No, they must be MIC for those prices.


----------



## brokentoes (Jun 29, 2014)

It seems that he might be a bit shady. Buyer beware. 

Tokai Forum - a subsidiary of TokaiRegistry.com :: View topic - Counterfeit Tokai from Music Express Canada via Reverb

Tokai Forum - a subsidiary of TokaiRegistry.com :: View topic - New Love Rock Custom


----------



## SaucyJack (Mar 8, 2017)

Steadfastly said:


> That's what I was wondering. Are these real Tokai's from Japan?


No they are not.


----------



## davetcan (Feb 27, 2006)

They're not even mahogany. For $500 more you could get an MIJ Tokai. For the price he's asking I'd much rather have and Epi Les Paul.


----------



## Steadfastly (Nov 14, 2008)

davetcan said:


> They're not even mahogany. For $500 more you could get an MIJ Tokai. For the price he's asking I'd much rather have and Epi Les Paul.

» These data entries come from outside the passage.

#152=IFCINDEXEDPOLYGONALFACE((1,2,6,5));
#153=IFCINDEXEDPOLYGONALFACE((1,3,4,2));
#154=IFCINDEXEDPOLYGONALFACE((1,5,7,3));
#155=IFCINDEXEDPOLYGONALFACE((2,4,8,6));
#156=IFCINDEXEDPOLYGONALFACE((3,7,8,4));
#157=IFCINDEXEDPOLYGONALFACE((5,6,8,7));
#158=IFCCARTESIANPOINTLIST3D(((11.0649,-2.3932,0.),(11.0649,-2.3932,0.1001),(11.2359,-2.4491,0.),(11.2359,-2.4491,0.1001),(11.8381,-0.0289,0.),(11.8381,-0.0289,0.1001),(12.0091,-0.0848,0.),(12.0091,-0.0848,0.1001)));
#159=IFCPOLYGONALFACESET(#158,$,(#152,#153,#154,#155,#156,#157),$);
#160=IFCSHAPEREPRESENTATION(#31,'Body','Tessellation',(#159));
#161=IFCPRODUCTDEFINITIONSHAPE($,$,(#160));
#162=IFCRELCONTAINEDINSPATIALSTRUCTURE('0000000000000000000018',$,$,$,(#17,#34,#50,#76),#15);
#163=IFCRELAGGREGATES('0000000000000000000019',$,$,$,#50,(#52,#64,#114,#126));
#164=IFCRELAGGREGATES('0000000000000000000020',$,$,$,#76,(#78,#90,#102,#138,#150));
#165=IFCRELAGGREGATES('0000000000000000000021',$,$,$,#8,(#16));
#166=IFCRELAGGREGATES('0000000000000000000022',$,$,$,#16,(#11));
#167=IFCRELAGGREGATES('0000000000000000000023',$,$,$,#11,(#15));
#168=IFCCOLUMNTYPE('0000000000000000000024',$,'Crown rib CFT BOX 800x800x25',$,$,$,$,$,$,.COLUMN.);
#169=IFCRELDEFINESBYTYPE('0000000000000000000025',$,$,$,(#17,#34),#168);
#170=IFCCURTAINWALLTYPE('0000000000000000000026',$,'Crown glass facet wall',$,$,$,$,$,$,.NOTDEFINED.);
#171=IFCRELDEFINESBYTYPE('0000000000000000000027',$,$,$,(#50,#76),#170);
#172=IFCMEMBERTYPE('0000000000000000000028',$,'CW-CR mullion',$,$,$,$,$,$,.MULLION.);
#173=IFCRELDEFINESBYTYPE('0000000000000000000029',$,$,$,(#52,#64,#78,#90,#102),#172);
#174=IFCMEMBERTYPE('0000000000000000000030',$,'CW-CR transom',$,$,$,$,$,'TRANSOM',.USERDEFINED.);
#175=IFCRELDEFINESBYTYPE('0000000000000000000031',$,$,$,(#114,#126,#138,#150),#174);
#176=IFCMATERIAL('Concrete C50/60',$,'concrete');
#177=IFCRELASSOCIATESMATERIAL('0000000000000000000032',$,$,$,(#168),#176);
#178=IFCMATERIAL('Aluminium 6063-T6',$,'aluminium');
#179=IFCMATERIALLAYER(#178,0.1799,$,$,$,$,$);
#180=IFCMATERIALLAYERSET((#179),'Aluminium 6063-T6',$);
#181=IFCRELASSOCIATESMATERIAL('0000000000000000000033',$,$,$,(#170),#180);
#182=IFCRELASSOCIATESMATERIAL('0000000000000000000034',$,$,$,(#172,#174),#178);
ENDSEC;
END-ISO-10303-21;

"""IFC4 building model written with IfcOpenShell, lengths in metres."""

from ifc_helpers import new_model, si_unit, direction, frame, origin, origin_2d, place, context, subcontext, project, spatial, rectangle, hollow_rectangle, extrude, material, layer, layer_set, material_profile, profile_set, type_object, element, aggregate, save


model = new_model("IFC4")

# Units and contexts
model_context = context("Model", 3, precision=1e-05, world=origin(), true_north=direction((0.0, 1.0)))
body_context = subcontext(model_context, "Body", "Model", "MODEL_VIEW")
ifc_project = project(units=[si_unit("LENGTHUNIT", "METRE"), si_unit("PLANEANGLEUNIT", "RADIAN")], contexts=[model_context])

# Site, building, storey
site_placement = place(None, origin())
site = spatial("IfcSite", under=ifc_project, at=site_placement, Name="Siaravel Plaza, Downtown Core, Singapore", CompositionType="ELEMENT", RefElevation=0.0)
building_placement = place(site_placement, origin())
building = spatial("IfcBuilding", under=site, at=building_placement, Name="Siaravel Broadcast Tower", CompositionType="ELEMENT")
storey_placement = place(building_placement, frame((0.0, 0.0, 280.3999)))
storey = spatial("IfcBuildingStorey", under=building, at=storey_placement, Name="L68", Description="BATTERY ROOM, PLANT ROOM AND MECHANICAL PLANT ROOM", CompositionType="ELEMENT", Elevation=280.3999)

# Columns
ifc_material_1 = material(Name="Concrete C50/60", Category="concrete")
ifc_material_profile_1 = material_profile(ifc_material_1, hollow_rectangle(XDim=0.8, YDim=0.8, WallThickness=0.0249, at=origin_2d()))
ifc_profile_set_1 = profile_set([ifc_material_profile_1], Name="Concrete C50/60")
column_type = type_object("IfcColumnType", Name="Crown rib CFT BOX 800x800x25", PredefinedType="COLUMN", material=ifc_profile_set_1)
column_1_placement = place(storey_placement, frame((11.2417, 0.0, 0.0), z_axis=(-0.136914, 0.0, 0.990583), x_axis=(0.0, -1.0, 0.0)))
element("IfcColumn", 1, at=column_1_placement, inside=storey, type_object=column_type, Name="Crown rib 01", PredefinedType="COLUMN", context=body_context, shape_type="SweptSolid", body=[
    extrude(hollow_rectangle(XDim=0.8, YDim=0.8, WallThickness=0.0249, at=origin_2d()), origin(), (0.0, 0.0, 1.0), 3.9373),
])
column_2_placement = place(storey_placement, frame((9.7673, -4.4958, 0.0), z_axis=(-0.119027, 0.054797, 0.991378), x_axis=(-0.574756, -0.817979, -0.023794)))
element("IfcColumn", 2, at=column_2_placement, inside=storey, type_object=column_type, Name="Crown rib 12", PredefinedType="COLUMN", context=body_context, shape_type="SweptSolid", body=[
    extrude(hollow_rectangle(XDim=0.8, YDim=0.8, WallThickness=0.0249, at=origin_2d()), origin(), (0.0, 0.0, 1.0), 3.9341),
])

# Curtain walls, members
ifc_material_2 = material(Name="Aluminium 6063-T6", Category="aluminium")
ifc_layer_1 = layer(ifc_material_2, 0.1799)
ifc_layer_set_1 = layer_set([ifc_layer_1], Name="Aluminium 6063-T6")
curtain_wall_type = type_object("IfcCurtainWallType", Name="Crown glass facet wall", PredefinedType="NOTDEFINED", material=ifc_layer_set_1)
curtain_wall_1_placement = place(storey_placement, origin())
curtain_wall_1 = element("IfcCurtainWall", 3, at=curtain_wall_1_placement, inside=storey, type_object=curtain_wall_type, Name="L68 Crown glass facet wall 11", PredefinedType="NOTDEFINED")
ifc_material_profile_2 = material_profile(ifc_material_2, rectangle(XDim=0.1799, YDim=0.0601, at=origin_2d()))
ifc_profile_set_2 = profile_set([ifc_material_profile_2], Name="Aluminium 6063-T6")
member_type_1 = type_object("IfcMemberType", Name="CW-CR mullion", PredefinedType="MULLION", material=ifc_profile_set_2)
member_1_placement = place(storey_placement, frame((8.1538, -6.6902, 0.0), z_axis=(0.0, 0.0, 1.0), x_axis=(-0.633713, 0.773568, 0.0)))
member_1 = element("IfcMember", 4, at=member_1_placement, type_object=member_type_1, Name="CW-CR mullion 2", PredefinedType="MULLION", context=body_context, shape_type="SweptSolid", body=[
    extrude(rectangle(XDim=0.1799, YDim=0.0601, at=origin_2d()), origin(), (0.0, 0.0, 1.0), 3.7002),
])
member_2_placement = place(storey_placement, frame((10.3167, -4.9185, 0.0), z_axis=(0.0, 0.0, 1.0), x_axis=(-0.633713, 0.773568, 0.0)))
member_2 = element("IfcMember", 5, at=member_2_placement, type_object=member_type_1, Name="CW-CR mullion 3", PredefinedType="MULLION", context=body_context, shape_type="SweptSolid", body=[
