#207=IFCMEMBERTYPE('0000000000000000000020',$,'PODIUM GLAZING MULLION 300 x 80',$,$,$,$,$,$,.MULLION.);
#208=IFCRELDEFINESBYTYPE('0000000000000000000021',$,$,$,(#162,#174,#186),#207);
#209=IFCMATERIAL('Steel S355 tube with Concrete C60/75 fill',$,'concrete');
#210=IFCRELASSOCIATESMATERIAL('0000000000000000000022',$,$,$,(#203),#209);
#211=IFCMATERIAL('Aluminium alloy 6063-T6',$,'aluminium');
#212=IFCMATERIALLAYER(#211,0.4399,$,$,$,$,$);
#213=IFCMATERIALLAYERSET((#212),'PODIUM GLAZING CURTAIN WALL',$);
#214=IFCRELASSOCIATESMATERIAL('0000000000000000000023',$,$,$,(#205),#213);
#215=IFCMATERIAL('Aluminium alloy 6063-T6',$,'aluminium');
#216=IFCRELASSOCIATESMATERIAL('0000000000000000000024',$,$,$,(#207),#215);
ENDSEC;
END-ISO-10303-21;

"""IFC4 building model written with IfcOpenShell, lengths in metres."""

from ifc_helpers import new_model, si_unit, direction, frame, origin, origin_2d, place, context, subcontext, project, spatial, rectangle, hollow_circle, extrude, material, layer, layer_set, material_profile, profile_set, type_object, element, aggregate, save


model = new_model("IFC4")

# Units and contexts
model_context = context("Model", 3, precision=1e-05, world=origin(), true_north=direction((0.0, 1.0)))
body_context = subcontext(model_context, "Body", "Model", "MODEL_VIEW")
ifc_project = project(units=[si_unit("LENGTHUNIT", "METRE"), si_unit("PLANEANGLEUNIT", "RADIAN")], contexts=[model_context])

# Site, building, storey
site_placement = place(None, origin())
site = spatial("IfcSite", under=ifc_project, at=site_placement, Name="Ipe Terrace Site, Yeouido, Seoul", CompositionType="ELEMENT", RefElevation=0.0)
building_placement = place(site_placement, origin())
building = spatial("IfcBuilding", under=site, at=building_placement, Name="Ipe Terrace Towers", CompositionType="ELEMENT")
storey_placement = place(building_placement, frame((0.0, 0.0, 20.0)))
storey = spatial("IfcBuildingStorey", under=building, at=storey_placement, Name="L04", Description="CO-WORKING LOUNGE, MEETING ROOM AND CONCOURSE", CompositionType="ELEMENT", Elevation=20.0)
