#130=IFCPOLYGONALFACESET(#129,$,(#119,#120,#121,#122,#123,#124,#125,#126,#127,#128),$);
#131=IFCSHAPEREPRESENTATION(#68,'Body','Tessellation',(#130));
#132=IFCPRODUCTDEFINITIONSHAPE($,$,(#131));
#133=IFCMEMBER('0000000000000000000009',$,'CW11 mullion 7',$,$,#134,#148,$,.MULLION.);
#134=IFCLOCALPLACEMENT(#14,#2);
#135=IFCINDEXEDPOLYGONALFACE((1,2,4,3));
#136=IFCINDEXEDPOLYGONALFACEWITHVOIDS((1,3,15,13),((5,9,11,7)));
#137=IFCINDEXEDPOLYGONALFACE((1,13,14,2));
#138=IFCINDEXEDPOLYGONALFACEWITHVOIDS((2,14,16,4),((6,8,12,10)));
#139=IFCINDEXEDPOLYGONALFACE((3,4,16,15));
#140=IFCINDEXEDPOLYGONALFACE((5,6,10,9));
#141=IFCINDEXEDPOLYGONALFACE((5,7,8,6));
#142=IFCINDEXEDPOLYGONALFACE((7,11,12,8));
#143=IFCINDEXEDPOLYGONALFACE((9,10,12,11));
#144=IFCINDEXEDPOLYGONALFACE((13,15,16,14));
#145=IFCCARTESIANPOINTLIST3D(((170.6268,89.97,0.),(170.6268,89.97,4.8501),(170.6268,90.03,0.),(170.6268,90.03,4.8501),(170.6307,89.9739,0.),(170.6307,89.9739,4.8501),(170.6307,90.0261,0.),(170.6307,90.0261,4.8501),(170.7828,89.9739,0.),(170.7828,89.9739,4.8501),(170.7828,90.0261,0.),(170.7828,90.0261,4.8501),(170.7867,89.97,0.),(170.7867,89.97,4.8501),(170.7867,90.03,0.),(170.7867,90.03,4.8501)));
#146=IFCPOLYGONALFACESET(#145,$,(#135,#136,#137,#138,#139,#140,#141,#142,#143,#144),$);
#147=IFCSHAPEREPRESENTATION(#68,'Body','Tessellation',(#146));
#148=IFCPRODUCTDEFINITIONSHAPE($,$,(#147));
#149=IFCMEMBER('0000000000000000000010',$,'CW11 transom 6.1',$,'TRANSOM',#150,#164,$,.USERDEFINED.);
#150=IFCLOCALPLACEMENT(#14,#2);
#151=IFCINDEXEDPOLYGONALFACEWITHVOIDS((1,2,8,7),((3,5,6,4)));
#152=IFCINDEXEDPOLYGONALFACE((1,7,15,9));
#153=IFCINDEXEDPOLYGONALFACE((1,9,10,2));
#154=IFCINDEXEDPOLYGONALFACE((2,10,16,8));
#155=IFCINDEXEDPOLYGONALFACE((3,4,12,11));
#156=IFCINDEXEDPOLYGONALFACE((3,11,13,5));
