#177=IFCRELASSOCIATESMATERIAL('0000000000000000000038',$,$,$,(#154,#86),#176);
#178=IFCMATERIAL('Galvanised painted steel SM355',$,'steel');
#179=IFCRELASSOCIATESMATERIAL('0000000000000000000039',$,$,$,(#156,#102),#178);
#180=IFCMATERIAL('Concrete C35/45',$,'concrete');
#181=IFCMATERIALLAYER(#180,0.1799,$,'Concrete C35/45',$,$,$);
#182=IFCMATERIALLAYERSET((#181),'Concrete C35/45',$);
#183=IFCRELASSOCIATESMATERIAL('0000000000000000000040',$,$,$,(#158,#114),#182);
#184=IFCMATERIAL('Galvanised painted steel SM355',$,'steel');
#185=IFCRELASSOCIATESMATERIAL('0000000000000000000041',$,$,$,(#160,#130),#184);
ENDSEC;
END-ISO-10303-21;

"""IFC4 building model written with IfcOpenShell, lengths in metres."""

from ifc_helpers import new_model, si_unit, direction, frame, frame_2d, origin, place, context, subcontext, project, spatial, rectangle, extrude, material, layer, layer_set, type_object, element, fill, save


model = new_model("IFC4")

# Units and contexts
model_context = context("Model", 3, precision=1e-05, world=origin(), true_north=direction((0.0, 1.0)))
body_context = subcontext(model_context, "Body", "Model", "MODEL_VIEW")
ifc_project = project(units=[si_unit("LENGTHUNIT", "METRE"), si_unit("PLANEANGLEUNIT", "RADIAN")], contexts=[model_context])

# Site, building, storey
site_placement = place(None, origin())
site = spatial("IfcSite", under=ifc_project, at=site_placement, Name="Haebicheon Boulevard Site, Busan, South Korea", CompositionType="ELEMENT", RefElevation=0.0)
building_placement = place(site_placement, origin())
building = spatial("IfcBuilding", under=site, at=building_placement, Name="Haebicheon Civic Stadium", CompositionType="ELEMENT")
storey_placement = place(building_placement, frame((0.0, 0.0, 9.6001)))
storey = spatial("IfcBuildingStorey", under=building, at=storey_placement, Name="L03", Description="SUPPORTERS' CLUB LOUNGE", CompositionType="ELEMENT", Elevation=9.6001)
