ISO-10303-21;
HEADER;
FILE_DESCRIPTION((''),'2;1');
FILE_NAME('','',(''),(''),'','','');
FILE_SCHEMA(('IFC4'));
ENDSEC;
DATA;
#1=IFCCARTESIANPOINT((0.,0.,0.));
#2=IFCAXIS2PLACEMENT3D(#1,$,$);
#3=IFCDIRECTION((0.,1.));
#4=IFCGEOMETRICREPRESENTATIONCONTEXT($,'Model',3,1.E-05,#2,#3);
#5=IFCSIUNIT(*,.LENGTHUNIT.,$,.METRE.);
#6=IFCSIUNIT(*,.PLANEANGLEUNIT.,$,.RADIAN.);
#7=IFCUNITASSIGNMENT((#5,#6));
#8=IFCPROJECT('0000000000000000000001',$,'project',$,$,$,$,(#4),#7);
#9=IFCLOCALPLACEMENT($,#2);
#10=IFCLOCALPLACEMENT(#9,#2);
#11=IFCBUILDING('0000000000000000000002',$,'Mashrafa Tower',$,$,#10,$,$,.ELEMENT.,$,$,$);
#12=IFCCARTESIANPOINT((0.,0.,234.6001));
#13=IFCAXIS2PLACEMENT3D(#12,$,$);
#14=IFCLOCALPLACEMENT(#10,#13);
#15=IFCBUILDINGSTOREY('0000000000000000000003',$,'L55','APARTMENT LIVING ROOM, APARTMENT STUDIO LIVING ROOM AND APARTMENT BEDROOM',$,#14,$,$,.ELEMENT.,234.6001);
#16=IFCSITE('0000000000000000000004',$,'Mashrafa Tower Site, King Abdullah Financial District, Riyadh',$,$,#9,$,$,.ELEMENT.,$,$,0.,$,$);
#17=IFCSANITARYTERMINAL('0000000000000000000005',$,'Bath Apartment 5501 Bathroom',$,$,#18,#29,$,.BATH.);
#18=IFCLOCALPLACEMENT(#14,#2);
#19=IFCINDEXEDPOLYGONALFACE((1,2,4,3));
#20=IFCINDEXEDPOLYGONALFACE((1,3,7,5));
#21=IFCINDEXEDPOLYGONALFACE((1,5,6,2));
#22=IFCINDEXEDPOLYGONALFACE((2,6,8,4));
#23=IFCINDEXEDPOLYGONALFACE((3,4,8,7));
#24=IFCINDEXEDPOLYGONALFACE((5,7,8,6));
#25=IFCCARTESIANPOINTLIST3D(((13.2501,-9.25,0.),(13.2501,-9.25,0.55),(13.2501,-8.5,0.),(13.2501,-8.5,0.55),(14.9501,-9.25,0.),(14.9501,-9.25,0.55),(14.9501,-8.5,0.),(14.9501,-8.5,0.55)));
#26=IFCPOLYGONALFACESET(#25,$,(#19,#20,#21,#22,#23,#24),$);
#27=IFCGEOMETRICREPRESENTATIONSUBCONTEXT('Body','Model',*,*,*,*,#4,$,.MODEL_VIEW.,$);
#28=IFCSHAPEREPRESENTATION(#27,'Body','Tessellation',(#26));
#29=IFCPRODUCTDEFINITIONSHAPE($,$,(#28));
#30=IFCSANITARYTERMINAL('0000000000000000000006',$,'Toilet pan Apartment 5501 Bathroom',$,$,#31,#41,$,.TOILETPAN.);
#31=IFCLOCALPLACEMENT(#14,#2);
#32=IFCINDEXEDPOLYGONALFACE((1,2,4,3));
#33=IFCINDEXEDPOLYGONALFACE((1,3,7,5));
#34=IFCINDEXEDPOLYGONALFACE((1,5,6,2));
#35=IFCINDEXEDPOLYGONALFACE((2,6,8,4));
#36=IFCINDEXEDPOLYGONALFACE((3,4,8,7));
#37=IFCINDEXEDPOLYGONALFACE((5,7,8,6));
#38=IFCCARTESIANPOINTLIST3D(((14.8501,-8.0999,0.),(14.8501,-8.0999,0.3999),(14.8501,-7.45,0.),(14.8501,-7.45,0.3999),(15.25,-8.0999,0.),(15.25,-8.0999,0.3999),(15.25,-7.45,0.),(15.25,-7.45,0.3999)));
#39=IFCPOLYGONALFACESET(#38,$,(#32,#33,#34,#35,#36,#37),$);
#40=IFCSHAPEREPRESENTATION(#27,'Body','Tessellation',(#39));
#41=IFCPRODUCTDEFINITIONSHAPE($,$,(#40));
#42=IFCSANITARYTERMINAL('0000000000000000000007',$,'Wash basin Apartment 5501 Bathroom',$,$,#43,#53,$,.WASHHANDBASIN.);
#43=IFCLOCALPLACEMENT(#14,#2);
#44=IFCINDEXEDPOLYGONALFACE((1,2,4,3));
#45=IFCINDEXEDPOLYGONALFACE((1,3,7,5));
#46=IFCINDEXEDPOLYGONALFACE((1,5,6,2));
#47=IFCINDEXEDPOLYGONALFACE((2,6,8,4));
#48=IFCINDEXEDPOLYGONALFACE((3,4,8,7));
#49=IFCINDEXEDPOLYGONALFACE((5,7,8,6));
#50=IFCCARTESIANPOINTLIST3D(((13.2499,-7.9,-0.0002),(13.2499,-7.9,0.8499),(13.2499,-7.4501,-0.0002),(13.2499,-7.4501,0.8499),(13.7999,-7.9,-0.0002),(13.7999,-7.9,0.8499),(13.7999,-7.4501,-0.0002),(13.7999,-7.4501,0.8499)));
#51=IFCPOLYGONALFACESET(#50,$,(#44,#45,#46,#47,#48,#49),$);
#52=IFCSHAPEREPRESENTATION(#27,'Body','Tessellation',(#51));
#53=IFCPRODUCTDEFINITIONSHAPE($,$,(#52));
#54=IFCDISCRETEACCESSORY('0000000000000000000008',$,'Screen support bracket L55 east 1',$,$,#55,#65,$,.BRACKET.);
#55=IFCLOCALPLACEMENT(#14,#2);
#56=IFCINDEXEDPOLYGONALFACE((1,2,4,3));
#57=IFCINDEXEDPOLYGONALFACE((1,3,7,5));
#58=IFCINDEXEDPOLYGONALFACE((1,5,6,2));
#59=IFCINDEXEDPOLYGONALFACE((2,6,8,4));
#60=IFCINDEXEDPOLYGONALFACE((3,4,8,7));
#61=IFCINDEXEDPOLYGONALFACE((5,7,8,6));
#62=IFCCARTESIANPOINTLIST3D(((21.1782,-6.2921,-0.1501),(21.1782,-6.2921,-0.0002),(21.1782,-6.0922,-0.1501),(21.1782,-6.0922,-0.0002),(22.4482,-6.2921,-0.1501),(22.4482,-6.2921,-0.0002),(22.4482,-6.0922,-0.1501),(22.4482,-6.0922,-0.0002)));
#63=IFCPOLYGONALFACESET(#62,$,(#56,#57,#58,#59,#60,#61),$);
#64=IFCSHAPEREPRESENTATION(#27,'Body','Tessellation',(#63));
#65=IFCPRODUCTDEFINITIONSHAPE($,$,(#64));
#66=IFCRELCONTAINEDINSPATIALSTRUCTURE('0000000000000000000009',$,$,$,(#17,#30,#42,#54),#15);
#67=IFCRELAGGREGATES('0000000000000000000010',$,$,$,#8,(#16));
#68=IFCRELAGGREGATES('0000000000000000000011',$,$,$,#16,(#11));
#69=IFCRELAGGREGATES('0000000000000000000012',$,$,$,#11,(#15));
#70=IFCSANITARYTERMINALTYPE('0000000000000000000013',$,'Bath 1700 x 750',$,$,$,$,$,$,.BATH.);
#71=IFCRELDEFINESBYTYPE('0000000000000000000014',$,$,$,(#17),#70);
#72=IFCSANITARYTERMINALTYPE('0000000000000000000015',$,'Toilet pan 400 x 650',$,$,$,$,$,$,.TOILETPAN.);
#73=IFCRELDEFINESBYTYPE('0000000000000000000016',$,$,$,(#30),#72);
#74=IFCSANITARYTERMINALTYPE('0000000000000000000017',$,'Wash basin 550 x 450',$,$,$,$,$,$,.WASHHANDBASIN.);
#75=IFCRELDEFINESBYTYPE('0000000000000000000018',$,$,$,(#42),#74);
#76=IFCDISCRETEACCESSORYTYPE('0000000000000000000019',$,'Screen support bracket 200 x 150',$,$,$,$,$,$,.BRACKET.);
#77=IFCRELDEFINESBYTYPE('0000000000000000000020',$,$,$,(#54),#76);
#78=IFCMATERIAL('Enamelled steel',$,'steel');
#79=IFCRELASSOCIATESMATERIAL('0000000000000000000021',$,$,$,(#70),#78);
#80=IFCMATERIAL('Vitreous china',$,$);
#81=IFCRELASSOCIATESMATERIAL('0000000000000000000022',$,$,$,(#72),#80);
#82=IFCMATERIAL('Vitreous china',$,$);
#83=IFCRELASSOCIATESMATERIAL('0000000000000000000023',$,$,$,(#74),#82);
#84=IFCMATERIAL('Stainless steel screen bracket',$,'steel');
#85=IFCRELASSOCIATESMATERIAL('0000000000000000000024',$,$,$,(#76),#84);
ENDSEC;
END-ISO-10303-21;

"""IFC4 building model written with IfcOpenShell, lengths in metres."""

from ifc_helpers import new_model, si_unit, direction, frame, origin, origin_2d, place, context, subcontext, project, spatial, rectangle, extrude, source, transform, mapped, material, type_object, type_shapes, element, save


model = new_model("IFC4")

# Units and contexts
model_context = context("Model", 3, precision=1e-05, world=origin(), true_north=direction((0.0, 1.0)))
body_context = subcontext(model_context, "Body", "Model", "MODEL_VIEW")
ifc_project = project(units=[si_unit("LENGTHUNIT", "METRE"), si_unit("PLANEANGLEUNIT", "RADIAN")], contexts=[model_context])

# Site, building, storey
site_placement = place(None, origin())
site = spatial("IfcSite", under=ifc_project, at=site_placement, Name="Mashrafa Tower Site, King Abdullah Financial District, Riyadh", CompositionType="ELEMENT", RefElevation=0.0)
building_placement = place(site_placement, origin())
building = spatial("IfcBuilding", under=site, at=building_placement, Name="Mashrafa Tower", CompositionType="ELEMENT")
storey_placement = place(building_placement, frame((0.0, 0.0, 234.6001)))
storey = spatial("IfcBuildingStorey", under=building, at=storey_placement, Name="L55", Description="APARTMENT LIVING ROOM, APARTMENT STUDIO LIVING ROOM AND APARTMENT BEDROOM", CompositionType="ELEMENT", Elevation=234.6001)

# Sanitary terminals
ifc_material_1 = material(Name="Enamelled steel", Category="steel")
sanitary_terminal_type_1 = type_object("IfcSanitaryTerminalType", Name="Bath 1700 x 750", PredefinedType="BATH", material=ifc_material_1)
sanitary_terminal_1_placement = place(storey_placement, frame((14.1001, -8.875, 0.0), z_axis=(0.0, 0.0, 1.0), x_axis=(1.0, 0.0, 0.0)))
element("IfcSanitaryTerminal", 1, at=sanitary_terminal_1_placement, inside=storey, type_object=sanitary_terminal_type_1, Name="Bath Apartment 5501 Bathroom", PredefinedType="BATH", context=body_context, shape_type="SweptSolid", body=[
    extrude(rectangle(XDim=1.7, YDim=0.75, at=origin_2d()), origin(), (0.0, 0.0, 1.0), 0.55),
])
ifc_material_2 = material(Name="Vitreous china")
sanitary_terminal_type_2 = type_object("IfcSanitaryTerminalType", Name="Toilet pan 400 x 650", PredefinedType="TOILETPAN", material=ifc_material_2)
sanitary_terminal_2_placement = place(storey_placement, frame((15.05, -7.7749, 0.0), z_axis=(0.0, 0.0, 1.0), x_axis=(-1.0, 0.0, 0.0)))
element("IfcSanitaryTerminal", 2, at=sanitary_terminal_2_placement, inside=storey, type_object=sanitary_terminal_type_2, Name="Toilet pan Apartment 5501 Bathroom", PredefinedType="TOILETPAN", context=body_context, shape_type="SweptSolid", body=[
    extrude(rectangle(XDim=0.3999, YDim=0.6499, at=origin_2d()), origin(), (0.0, 0.0, 1.0), 0.3999),
])
ifc_material_3 = material(Name="Vitreous china")
sanitary_terminal_type_3 = type_object("IfcSanitaryTerminalType", Name="Wash basin 550 x 450", PredefinedType="WASHHANDBASIN", material=ifc_material_3)
sanitary_terminal_3_placement = place(storey_placement, frame((13.5249, -7.675, -0.0002), z_axis=(0.0, 0.0, 1.0), x_axis=(-1.0, 0.0, 0.0)))
element("IfcSanitaryTerminal", 3, at=sanitary_terminal_3_placement, inside=storey, type_object=sanitary_terminal_type_3, Name="Wash basin Apartment 5501 Bathroom", PredefinedType="WASHHANDBASIN", context=body_context, shape_type="SweptSolid", body=[
    extrude(rectangle(XDim=0.55, YDim=0.45, at=origin_2d()), origin(), (0.0, 0.0, 1.0), 0.8501),
])

# Discrete accessory
ifc_material_4 = material(Name="Stainless steel screen bracket", Category="steel")
discrete_accessory_type = type_object("IfcDiscreteAccessoryType", Name="Screen support bracket 200 x 150", PredefinedType="BRACKET", material=ifc_material_4)
shared_shape_1 = source(origin(), body_context, "Body", "SweptSolid", [
    extrude(rectangle(XDim=0.2, YDim=1.27, at=origin_2d()), origin(), (0.0, 0.0, 1.0), 0.1499),
])
type_shapes(discrete_accessory_type, [shared_shape_1])
discrete_accessory_placement = place(storey_placement, frame((21.8132, -6.1921, -0.1501), z_axis=(0.0, 0.0, 1.0), x_axis=(0.0, 1.0, 0.0)))
element("IfcDiscreteAccessory", 4, at=discrete_accessory_placement, inside=storey, type_object=discrete_accessory_type, Name="Screen support bracket L55 east 1", PredefinedType="BRACKET", context=body_context, shape_type="MappedRepresentation", body=[
    mapped(shared_shape_1, transform((0.0, 0.0, 0.0))),
])

save(model, "model.ifc")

For that price or less, you can get a custom LP with a real 3/4" maple top, your choice of pickups, bridge, neck, frets, etc, etc. from Rondo.


----------



## Distortion (Sep 16, 2015)

Great ,a knock off copying a knock off whats next?


----------



## allthumbs56 (Jul 24, 2006)

I've seen fake Tokais. I've seen fake, fake Tokais. Unless it's old I'd stay away.


----------



## SaucyJack (Mar 8, 2017)

I had one from about 10 years ago. Was a decent guitar, didn't know what exactly it was when I first bought it. I know the difference now.


----------